Jarrell Moore: The way I figure it, the head individual in Party Crashing would have to tally fouls. Plus, keep track of teams by their license plate. Plus, name the flag and window for each game. Yeah, and notify all the players about upcoming events. If that's only one guy, it's a safe bet he's pretty damn busy, and not just some thug. He'd need to be pretty damn bright.

Tina Something: Didn't matter was it a Lexus or a Rolls-Royce, at the finish of every Party Crash date, Wax and me ended up at the top of the Madison Street boat ramp, the place where the ramp's angled, steep, into deep water. Trailed behind us, cotter pins and U-joint needle bearings, crankcase oil, brake fluid, and maybe slivers of carbon fiber. And smoke, gaddamn fog banks of black or blue smoke. Our drivetrain barely still functional.

I'd climb out and watch while Wax shifted down to first gear. With the engine still running, some nights, if nobody was around, he'd press the panic button on the alarm. What a gaddamn noise. The sirens and whatever lights we hadn't already busted, they'd be flashing on and off. With the Mercedes or Lamborghini still flashing and screaming, Wax would step out and slam the door shut. The car already rolling down the boat ramp, nose-first, into the black water. Like watching an ocean liner sink. The Titanic. White and amber lights, horn blaring, even as the car settled deeper, under water, that trashed relic of somebody's dream would keep wailing, flaring, fainter and fading, until it settled onto some secret mountain of wrecked dreams—Jaguars and Saleens and Corvettes—that people had hired Wax to murder.

18–The City

Todd Rutz (Coin Dealer): The kid who died. The kid comes in with a sweat sock tied in a knot, starts undoing the knot with his teeth. Nothing inside that old yellow sock should be worth my time to look. My permit says I can stay open four hours past the night curfew, long as I don't leave the shop. Past curfew, I lock the door, and anybody comes I buzz them inside. This kid with the dirty sock, I almost didn't buzz him. You can never tell with Nighttimers.

But even I can tell, this kid's a convert. His suntan he hasn't even lost yet. So I took a chance I'd make some money. Look at New Orleans, 1982, some bulldozer doing construction work downtown at lunchtime, businesspeople walking around dressed in three-piece suits. The dozer scrapes the dirt and busts open three wood cases of buried 1840-O Liberty Seated quarters. Not gold, mind you, but coins worth in the range of two to four grand apiece. Those bankers and lawyers wearing suits and dresses, they jumped into the mud and wrestled each other. Biting and kicking each other for a handful of those Gobrecht quarter-dollars.

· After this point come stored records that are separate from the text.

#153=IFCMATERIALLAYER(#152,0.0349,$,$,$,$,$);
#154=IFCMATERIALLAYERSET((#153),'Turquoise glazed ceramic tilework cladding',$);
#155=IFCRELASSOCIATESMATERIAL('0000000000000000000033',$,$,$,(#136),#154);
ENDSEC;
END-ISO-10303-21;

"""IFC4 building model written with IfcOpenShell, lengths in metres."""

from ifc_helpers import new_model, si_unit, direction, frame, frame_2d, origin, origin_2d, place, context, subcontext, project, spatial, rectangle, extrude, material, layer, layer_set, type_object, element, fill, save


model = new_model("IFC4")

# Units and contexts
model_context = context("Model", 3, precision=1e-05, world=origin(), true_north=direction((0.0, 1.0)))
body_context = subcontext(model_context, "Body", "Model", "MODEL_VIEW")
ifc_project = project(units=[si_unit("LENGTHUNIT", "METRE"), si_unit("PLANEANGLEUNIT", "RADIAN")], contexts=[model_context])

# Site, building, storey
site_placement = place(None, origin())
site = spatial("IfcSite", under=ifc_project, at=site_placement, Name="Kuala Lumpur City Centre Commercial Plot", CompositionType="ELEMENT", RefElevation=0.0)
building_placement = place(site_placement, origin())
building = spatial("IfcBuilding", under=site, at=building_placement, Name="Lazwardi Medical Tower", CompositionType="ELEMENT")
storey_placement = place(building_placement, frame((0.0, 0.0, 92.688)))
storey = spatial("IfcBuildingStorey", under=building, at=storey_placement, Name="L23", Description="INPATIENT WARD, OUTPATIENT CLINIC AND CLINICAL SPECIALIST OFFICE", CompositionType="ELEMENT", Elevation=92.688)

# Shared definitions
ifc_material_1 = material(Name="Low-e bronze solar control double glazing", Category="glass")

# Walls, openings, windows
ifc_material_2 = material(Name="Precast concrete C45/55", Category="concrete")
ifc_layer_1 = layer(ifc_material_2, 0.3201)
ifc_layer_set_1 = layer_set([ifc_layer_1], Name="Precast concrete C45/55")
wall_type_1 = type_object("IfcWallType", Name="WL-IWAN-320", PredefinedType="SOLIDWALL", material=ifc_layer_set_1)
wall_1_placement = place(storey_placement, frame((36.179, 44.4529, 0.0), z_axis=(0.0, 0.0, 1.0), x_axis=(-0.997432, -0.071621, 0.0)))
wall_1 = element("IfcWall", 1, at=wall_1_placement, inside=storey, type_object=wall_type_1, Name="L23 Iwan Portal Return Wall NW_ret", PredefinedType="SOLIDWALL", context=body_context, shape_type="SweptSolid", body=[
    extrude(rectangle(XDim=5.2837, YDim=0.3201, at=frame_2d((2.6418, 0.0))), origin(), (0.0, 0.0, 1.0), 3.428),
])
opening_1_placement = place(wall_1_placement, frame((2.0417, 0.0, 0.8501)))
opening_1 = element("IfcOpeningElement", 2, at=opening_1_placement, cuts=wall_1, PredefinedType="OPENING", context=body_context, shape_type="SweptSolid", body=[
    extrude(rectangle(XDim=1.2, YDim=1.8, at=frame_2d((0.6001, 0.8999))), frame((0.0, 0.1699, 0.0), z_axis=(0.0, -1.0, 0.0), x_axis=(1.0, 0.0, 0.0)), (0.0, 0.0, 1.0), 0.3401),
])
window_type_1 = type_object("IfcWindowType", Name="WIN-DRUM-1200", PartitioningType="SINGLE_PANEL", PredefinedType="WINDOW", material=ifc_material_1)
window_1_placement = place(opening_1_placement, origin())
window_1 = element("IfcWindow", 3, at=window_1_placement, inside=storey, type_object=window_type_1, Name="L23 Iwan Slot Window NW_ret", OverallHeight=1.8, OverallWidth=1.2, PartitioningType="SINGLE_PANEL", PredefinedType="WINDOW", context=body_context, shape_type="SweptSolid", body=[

My point being, you just never know where a hoard of treasure will surface.

Edith Steele (Human Resources Director): We interviewed Mr. Casey for a position as a nighttime landscape-maintenance specialist. He was referred to our firm through the I-SEE-U labor help line. On the occasion of his third failure to arrive for work, claiming his fifth injury due to a non-work-related traffic accident, Mr. Casey was removed from our payroll.

Todd Rutz: The Baltimore Find of 1934, two little boys were goofing around in the basement of a rented house and they discover a hole in the wall. On August 31, 1934, they pulled 3,558 gold coins out of that hole, all of them pre-1857. At 132 South Eden Street in Baltimore, Maryland. A fair number of those coins, we're talking "gem condition." At the very least, perfect uncirculated or choice uncirculated.

Lew Terry (Property Manager): If it was up to me, I'd never even rent to Nighttrippers—those Daytimer kids who switch over. It's just to irk their parents, they convert. Those delinquents feel compelled to live into every negative stereotype they have about Nighttime culture—loud music and boosting drug highs—but the housing statute says a minimum of 10 percent of your units you have to make available to converts. Casey moved in with nothing, maybe one suitcase, into Unit 3-E. You could go look, only the door's still sealed with police tape.